04Which is growing faster — NE or HP?
By revenue growth (latest reported year), Helmerich & Payne, Inc.
(HP) is pulling ahead at 35. 9% versus 7. 4% for Noble Corporation Plc (NE). On earnings-per-share growth, the picture is similar: Noble Corporation Plc grew EPS -54. 4% year-over-year, compared to -148. 4% for Helmerich & Payne, Inc.. Over a 3-year CAGR, NE leads at 32. 5% annualised revenue growth. Higher growth typically commands a higher valuation multiple — check whether the premium P/E or P/S is justified by the growth rate using the PEG ratio.
05Which has better profit margins — NE or HP?
Noble Corporation Plc (NE) is the more profitable company, earning 6.
6% net margin versus -4. 4% for Helmerich & Payne, Inc. — meaning it keeps 6. 6% of every revenue dollar as bottom-line profit. Operating margin tells a similar story: NE leads at 15. 7% versus 6. 2% for HP. At the gross margin level — before operating expenses — NE leads at 19. 7%, reflecting greater pricing power or product mix advantage. Stronger margins indicate durable pricing power, lower cost of revenue, or higher mix of software/services.

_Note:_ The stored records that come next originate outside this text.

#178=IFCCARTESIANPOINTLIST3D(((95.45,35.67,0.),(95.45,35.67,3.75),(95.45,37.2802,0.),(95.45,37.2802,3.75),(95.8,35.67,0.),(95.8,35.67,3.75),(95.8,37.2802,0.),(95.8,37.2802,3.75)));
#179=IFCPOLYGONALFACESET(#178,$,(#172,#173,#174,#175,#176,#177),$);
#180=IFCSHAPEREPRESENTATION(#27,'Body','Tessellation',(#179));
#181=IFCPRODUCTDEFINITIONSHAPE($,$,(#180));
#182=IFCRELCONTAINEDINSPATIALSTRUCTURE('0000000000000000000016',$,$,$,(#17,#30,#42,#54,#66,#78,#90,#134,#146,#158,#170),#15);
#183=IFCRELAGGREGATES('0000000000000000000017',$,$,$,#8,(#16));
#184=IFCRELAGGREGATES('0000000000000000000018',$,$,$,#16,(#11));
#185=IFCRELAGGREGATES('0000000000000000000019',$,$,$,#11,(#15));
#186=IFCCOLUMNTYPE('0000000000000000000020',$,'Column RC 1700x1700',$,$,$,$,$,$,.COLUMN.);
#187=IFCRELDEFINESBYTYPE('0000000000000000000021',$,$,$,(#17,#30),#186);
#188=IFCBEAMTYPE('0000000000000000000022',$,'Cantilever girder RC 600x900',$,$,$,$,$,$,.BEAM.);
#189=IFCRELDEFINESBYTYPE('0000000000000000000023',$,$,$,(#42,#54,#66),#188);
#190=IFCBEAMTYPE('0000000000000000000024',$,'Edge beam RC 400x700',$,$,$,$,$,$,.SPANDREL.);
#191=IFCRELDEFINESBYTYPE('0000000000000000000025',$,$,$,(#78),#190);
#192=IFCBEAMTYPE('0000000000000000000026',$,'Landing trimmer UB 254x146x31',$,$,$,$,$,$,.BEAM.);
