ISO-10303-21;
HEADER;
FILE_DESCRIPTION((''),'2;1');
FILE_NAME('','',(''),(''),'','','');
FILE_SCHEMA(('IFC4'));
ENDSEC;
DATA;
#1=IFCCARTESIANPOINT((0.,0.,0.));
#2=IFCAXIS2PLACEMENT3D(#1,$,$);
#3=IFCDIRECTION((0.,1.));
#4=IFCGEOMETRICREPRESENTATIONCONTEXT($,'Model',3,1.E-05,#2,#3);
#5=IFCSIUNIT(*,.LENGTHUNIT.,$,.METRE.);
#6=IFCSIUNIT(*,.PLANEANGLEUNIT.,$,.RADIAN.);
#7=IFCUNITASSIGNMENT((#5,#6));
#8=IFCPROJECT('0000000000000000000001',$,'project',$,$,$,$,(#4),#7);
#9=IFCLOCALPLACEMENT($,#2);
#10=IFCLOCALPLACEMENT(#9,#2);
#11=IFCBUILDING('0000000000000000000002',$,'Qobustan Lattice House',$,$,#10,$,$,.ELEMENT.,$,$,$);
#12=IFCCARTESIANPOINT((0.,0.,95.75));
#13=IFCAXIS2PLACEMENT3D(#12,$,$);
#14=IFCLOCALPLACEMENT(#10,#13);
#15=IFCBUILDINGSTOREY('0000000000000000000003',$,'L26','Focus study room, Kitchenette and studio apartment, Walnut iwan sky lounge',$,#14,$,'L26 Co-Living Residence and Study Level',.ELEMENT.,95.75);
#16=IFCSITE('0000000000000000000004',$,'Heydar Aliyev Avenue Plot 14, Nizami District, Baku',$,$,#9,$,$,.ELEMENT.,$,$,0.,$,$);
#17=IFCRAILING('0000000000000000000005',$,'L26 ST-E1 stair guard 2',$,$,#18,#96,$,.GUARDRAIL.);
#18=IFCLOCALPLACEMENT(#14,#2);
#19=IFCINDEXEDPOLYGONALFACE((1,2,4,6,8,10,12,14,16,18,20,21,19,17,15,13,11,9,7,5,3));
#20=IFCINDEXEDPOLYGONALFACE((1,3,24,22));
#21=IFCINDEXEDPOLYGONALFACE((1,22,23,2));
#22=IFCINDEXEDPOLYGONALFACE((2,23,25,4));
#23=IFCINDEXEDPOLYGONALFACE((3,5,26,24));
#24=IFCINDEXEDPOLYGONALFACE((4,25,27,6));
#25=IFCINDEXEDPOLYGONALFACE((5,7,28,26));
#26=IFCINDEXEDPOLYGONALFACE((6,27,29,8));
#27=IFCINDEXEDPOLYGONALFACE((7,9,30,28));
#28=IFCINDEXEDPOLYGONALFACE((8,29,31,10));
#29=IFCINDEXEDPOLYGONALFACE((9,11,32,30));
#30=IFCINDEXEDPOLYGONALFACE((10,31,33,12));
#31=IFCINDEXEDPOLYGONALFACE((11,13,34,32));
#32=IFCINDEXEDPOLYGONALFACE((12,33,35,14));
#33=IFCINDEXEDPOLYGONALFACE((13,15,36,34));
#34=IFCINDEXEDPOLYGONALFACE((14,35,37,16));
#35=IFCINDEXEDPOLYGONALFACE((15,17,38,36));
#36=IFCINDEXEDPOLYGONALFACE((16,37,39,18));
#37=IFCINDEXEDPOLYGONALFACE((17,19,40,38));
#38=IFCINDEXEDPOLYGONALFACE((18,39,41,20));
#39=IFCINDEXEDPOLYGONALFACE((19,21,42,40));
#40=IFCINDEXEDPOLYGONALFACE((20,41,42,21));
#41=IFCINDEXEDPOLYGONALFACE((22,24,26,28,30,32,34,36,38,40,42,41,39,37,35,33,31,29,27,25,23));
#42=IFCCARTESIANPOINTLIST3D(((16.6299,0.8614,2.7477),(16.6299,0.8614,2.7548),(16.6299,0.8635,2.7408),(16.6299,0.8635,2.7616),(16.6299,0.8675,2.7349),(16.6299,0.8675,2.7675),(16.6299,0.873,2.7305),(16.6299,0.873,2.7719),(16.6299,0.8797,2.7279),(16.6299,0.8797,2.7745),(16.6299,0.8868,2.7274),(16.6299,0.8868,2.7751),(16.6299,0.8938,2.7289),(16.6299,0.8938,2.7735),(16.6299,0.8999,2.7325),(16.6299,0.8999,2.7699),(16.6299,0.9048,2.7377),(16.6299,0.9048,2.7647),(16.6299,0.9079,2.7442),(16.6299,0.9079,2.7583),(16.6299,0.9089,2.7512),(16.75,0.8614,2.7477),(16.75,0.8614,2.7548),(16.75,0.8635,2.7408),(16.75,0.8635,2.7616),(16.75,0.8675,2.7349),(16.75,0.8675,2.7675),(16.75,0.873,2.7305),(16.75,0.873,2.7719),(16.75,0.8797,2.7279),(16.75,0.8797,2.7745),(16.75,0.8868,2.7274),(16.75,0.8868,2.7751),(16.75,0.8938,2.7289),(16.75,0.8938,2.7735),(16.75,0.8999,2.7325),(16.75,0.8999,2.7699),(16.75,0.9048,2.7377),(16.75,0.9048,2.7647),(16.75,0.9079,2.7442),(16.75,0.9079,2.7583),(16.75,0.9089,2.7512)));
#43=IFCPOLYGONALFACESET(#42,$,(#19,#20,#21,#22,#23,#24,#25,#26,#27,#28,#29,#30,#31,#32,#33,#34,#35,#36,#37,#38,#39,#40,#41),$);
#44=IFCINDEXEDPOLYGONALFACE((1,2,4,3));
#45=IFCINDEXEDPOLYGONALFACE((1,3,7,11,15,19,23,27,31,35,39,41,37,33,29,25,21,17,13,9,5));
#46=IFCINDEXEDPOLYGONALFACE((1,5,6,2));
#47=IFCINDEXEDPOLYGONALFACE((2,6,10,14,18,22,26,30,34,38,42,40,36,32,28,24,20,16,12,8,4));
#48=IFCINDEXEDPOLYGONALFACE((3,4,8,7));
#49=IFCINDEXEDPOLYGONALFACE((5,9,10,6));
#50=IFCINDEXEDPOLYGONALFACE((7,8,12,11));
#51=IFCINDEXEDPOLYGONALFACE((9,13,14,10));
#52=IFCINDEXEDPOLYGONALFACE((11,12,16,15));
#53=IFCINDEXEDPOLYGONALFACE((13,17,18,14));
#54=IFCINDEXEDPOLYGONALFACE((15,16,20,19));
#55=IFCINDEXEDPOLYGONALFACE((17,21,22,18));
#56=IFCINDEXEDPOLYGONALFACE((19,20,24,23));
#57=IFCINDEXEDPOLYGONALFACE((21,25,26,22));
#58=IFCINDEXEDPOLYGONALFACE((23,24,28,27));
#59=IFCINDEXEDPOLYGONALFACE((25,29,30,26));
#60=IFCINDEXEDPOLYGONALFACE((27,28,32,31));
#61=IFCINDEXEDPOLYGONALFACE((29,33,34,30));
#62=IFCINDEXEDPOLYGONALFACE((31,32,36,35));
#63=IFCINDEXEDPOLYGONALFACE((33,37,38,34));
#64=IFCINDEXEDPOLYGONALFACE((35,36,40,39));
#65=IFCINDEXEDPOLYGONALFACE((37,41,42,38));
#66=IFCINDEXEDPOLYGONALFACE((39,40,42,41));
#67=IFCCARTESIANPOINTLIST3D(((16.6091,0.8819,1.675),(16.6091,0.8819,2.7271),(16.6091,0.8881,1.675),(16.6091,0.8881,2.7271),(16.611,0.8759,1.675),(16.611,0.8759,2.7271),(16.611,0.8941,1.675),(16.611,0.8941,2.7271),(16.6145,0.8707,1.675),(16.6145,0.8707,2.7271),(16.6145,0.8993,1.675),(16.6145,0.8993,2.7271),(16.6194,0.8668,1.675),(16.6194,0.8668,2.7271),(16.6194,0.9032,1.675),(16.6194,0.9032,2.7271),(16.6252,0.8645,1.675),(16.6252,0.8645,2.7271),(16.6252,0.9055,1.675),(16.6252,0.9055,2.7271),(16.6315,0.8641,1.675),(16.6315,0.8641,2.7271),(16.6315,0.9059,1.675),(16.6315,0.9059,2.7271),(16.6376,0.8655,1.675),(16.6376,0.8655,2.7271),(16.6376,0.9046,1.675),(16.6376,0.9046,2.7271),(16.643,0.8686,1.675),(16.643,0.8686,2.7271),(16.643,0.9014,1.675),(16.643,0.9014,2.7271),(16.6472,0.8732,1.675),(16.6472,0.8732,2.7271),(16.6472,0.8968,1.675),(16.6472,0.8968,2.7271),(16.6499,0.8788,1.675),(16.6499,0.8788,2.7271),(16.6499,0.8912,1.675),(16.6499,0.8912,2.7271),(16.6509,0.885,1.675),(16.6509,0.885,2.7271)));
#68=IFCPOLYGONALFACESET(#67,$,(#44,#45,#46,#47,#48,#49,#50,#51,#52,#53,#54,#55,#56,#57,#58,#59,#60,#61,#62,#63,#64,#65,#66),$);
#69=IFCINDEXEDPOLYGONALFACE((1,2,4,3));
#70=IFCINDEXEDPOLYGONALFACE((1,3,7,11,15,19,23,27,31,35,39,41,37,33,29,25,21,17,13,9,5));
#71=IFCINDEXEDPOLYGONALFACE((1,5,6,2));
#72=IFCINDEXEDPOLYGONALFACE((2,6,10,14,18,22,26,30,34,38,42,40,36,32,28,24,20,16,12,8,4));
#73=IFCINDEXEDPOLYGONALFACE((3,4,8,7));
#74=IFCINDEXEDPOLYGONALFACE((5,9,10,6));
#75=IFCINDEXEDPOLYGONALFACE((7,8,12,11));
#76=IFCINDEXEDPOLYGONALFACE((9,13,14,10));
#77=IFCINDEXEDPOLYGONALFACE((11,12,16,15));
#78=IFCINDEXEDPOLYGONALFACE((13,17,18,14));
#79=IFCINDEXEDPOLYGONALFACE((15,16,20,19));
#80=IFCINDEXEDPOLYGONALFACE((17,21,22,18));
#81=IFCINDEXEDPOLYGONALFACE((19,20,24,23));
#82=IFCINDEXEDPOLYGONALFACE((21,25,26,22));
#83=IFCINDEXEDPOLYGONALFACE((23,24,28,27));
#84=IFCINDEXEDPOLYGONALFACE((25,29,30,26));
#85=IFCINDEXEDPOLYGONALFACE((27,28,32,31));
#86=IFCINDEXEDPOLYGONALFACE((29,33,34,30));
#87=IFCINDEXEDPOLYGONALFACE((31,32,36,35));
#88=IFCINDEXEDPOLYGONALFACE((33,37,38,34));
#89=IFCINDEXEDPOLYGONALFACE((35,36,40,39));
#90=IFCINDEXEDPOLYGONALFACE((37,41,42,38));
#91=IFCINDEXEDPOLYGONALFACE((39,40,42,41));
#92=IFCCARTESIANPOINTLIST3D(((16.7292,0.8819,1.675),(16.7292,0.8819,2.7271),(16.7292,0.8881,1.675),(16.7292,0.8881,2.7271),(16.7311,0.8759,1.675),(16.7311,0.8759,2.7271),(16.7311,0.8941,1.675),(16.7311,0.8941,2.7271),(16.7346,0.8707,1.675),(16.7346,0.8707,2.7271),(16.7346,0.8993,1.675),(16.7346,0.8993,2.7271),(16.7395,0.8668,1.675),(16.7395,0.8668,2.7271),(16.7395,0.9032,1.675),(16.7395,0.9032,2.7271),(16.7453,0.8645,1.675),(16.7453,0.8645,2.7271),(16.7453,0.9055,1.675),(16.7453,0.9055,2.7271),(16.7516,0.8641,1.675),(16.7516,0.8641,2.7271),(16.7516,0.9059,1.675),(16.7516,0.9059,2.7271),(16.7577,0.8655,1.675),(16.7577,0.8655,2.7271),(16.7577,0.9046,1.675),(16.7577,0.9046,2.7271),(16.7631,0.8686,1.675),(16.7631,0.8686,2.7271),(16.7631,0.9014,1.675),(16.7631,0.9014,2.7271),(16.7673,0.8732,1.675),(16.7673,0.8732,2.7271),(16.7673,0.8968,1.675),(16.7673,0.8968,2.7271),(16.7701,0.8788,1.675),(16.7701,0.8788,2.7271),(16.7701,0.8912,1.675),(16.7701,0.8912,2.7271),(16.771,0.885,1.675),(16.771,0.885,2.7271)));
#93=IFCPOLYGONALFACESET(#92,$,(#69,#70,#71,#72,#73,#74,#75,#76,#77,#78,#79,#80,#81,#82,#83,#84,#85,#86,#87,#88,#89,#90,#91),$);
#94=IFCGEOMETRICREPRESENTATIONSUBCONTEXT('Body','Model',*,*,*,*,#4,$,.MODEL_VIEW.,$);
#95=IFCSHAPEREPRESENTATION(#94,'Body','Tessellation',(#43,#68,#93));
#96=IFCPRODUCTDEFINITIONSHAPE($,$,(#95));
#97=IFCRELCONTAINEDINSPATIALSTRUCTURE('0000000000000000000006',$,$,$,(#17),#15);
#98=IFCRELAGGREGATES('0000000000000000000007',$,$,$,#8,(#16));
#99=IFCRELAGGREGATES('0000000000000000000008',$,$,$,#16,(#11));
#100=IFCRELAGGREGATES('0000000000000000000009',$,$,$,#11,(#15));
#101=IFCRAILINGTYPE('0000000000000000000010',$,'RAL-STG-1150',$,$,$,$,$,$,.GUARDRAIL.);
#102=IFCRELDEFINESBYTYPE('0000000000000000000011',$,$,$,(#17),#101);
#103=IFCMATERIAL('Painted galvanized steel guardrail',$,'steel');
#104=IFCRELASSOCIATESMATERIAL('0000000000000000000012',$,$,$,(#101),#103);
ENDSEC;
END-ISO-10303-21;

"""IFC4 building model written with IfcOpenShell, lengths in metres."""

from ifc_helpers import new_model, si_unit, direction, frame, origin, origin_2d, place, context, subcontext, project, spatial, circle, extrude, material, type_object, element, save


model = new_model("IFC4")

# Units and contexts
model_context = context("Model", 3, precision=1e-05, world=origin(), true_north=direction((0.0, 1.0)))
body_context = subcontext(model_context, "Body", "Model", "MODEL_VIEW")
ifc_project = project(units=[si_unit("LENGTHUNIT", "METRE"), si_unit("PLANEANGLEUNIT", "RADIAN")], contexts=[model_context])

# Site, building, storey
site_placement = place(None, origin())
site = spatial("IfcSite", under=ifc_project, at=site_placement, Name="Heydar Aliyev Avenue Plot 14, Nizami District, Baku", CompositionType="ELEMENT", RefElevation=0.0)
building_placement = place(site_placement, origin())
building = spatial("IfcBuilding", under=site, at=building_placement, Name="Qobustan Lattice House", CompositionType="ELEMENT")
storey_placement = place(building_placement, frame((0.0, 0.0, 95.75)))
storey = spatial("IfcBuildingStorey", under=building, at=storey_placement, Name="L26", Description="Focus study room, Kitchenette and studio apartment, Walnut iwan sky lounge", LongName="L26 Co-Living Residence and Study Level", CompositionType="ELEMENT", Elevation=95.75)

# Railing
ifc_material_1 = material(Name="Painted galvanized steel guardrail", Category="steel")
railing_type_1 = type_object("IfcRailingType", Name="RAL-STG-1150", PredefinedType="GUARDRAIL", material=ifc_material_1)
railing_1_placement = place(storey_placement, frame((16.6299, 0.885, 1.675)))
element("IfcRailing", 1, at=railing_1_placement, inside=storey, type_object=railing_type_1, Name="L26 ST-E1 stair guard 2", PredefinedType="GUARDRAIL", context=body_context, shape_type="SweptSolid", body=[
    extrude(circle(Radius=0.0239, at=origin_2d()), frame((0.0, 0.0, 1.0762), z_axis=(1.0, 0.0, 0.0), x_axis=(0.0, 1.0, 0.0)), (0.0, 0.0, 1.0), 0.1201),
    extrude(circle(Radius=0.021, at=origin_2d()), origin(), (0.0, 0.0, 1.0), 1.052),
    extrude(circle(Radius=0.021, at=origin_2d()), frame((0.1201, 0.0, 0.0)), (0.0, 0.0, 1.0), 1.052),
])

save(model, "model.ifc")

They are one of the clearest signs of business quality.
06Is NE or HP more undervalued right now?
Analyst consensus price targets imply the most upside for HP: -0.
1% to $36. 86.
07Which pays a better dividend — NE or HP?
All stocks in this comparison pay dividends.
Noble Corporation Plc (NE) offers the highest yield at 4. 1%, versus 2. 8% for Helmerich & Payne, Inc. (HP).
08Is NE or HP better for a retirement portfolio?
For long-horizon retirement investors, Noble Corporation Plc (NE) is the stronger choice — it scores higher on the combination of lower volatility, dividend reliability, and long-term compounding (low volatility (β 0.
92), 4. 1% yield, +118. 1% 10Y return). Both have compounded well over 10 years (NE: +118. 1%, HP: -3. 5%), confirming both are viable long-term holds — but the lower-volatility option typically results in less emotional selling during corrections. Retirement portfolios generally favour predictability over maximum returns. Consult a financial advisor before making allocation decisions.
09What are the main differences between NE and HP?
Both stocks operate in the Energy sector, making this a peer-level intra-sector comparison — the same macro tailwinds and headwinds will affect both.
In terms of investment character: NE is a small-cap income-oriented stock; HP is a small-cap high-growth stock. These fundamental differences mean investors should not choose between them on a single metric — the "better stock" depends entirely on which of these characteristics aligns with your investment strategy.